秦鼎竺直视着他,神情难得的柔和,“那是我该还给你的,无论你怎么做,我都不会后悔。”
停顿片刻,白虞问道,“乐山在做什么?”
“在家里,他问你怎么还不回去吃饭。”
“他有没有很喜欢的叔叔阿姨。”
白虞问出这话,秦鼎竺微皱了下眉,“什么?”
“我想能找人陪他玩,免得无聊。”白虞话语平淡。
秦鼎竺道,“他有同学朋友,有我们。”说完,轻轻牵住他的手,逐渐用力,像是处在暧昧期的心动,无法自抑,只能试探着征求对方的允许。
白虞没有拒绝,还抬起头慢慢地靠近,秦鼎竺便顺应他,两人唇瓣触碰,纯稚到仿佛刚确认关系的恋人。
白虞另一只手环过对方腰间,颤抖着抱住。他已经很久没有主动过了,甚至是深深地闭上眼,舔咬对方的唇瓣。
不远处传来嬉笑声,白虞拥得更紧,下一秒,他骤然停下,急促喘息着看向面前的人。
秦鼎竺黑色的眸子动了动,仍旧看着他,“就只是这样吗?我死不了。”
白虞眼珠红血丝蔓延,闻言狠狠咬着牙,落在他背后的手用力抵下去,他手心手指感知到一股热流,顺着腕骨缓慢淌下。
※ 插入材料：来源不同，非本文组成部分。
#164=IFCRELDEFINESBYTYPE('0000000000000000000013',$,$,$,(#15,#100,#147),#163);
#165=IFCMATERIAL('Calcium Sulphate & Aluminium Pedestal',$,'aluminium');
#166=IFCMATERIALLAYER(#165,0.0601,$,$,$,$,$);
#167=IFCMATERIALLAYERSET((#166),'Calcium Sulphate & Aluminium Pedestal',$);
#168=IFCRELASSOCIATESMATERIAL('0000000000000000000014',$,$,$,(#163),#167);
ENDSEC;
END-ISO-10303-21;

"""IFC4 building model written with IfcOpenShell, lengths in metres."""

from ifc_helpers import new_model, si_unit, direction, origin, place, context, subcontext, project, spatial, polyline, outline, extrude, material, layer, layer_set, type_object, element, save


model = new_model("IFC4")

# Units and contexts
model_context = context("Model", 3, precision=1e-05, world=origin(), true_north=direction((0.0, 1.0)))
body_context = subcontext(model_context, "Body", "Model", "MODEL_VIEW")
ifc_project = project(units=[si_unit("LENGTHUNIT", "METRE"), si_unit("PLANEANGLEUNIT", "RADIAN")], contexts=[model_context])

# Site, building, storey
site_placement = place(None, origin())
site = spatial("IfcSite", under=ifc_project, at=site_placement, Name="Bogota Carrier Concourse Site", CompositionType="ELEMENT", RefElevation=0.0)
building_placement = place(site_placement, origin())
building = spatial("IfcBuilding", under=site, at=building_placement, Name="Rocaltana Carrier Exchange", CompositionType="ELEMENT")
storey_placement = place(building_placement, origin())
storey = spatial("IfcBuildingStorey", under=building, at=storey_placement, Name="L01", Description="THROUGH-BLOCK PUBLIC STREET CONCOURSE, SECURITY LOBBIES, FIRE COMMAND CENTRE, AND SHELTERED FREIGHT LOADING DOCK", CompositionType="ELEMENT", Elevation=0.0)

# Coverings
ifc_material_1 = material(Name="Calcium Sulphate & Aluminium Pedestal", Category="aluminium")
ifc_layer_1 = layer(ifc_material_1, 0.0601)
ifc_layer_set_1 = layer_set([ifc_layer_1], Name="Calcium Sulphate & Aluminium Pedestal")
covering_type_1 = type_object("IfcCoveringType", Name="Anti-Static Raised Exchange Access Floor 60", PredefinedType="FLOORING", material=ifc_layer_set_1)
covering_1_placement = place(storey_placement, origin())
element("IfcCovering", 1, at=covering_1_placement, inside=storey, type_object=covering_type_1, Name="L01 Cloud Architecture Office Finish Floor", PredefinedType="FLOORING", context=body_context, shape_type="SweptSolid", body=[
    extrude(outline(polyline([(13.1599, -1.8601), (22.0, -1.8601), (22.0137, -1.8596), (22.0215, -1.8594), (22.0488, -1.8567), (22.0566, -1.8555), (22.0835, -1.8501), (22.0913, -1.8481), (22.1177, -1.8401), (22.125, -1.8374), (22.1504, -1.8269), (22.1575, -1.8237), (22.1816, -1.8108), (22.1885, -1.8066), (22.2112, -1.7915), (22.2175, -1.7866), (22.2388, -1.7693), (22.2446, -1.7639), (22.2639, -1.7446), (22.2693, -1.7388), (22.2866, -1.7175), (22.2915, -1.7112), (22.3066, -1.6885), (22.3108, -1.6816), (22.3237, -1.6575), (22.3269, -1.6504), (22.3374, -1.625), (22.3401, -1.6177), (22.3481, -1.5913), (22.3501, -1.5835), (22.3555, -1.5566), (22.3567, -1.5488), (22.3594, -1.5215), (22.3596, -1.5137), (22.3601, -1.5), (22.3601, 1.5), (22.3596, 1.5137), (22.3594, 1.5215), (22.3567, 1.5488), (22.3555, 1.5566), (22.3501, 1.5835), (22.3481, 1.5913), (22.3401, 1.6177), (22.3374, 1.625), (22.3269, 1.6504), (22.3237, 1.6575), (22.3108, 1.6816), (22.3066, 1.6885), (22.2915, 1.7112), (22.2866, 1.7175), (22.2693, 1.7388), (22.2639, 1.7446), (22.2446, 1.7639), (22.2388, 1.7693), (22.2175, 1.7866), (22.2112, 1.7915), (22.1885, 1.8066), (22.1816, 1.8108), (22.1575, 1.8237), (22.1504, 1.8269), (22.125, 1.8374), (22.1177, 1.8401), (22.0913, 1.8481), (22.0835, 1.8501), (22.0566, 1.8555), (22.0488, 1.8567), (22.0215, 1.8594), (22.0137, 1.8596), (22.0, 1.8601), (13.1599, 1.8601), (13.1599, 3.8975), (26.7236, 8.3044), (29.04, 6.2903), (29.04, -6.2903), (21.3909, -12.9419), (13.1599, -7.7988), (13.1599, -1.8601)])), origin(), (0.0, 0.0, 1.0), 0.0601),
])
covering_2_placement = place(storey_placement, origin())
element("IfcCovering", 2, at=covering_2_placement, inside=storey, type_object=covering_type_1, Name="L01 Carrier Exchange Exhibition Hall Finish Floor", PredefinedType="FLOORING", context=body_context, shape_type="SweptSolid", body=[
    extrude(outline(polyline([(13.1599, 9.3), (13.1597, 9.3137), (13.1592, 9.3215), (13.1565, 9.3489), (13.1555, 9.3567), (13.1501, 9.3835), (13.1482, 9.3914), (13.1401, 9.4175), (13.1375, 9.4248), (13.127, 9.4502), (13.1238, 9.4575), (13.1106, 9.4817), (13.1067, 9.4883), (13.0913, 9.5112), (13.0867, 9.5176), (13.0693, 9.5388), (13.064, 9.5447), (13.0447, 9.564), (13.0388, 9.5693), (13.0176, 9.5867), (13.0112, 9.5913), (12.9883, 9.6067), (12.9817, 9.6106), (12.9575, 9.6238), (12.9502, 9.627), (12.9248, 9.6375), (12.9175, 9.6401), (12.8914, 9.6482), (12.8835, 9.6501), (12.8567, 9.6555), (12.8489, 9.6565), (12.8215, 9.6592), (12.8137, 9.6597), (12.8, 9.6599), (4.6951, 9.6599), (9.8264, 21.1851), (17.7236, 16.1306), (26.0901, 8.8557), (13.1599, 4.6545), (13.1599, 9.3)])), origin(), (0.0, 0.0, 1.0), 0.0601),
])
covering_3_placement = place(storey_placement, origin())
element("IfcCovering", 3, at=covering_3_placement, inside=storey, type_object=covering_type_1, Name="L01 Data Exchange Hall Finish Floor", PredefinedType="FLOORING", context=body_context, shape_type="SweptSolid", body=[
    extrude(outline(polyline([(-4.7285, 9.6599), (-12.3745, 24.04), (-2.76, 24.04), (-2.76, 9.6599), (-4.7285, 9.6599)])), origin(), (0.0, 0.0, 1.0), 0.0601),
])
他身子一僵,眼眶里毫无预兆的泪珠滴落,颤抖着放开手,手心的水果刀悬在秦鼎竺的后心,只能看到崭新的刀柄。
白虞惶然无措地后退,然而秦鼎竺牢牢将他禁锢在原地,甚至反过来夸他,“很好,现在应该可以了。”
“你……你怎么知道。”白虞挣扎起来,带着血的手反抗,将对方的衬衣干净的地方染上大片鲜红。
秦鼎竺吻着他耳廓,本应是情人相会的耳语,却因衣服上的血色,显得如此诡异。
“你的一举一动,都在告诉我。”
他有多了解白虞,在他主动提起见面时,就有预感了。
白虞用尽全身力气,猛地推开他挣脱,嗓子紧绷得险些说不出话,“我必须这么做,是你欠他们的,该做个了结,让一切回到正轨了。”
“好。”秦鼎竺低声回应,反手将刀拔下来,刀柄递向他,“还差三次,做完可以原谅我了吗。”
白虞呼吸很急,他视线从带血的刀刃上移开,眼睁睁看着桥面滴落深色的血点,在暗下来的光线里格外扎眼。
他神情惶惑地后退,与此同时,有路人发现他们的异样,靠近观望后惊恐地大喊,“啊!杀人了!”
接二连三地人转过头,尖叫惊叹声顿时此起彼伏。
“我靠那都是血吗?”
“快报警啊……”
“先叫救护车!”
白虞低着头,在夜色掩护中,从另一面下桥,沿着河边快步离去。
秦鼎竺望着他的背影,收回水果刀,只是将刀柄转过来,反复摩梭按揉,直到上面被血完全洗了几遍,才抬手扔进了河里。
有路人医生上前帮他止血,他扶着桥边的护栏,一点点跪倒下去。
杜蓉和白晏明循着救护车和人群骚乱找过来,看到眼前的景象,不由得脸色大变,可是当着这么多人的面,他们没办法问出口,而且还被医护人员挡在外面。
幸好秦鼎竺是清醒的,看到他们后对医生说了什么,才放他们过来。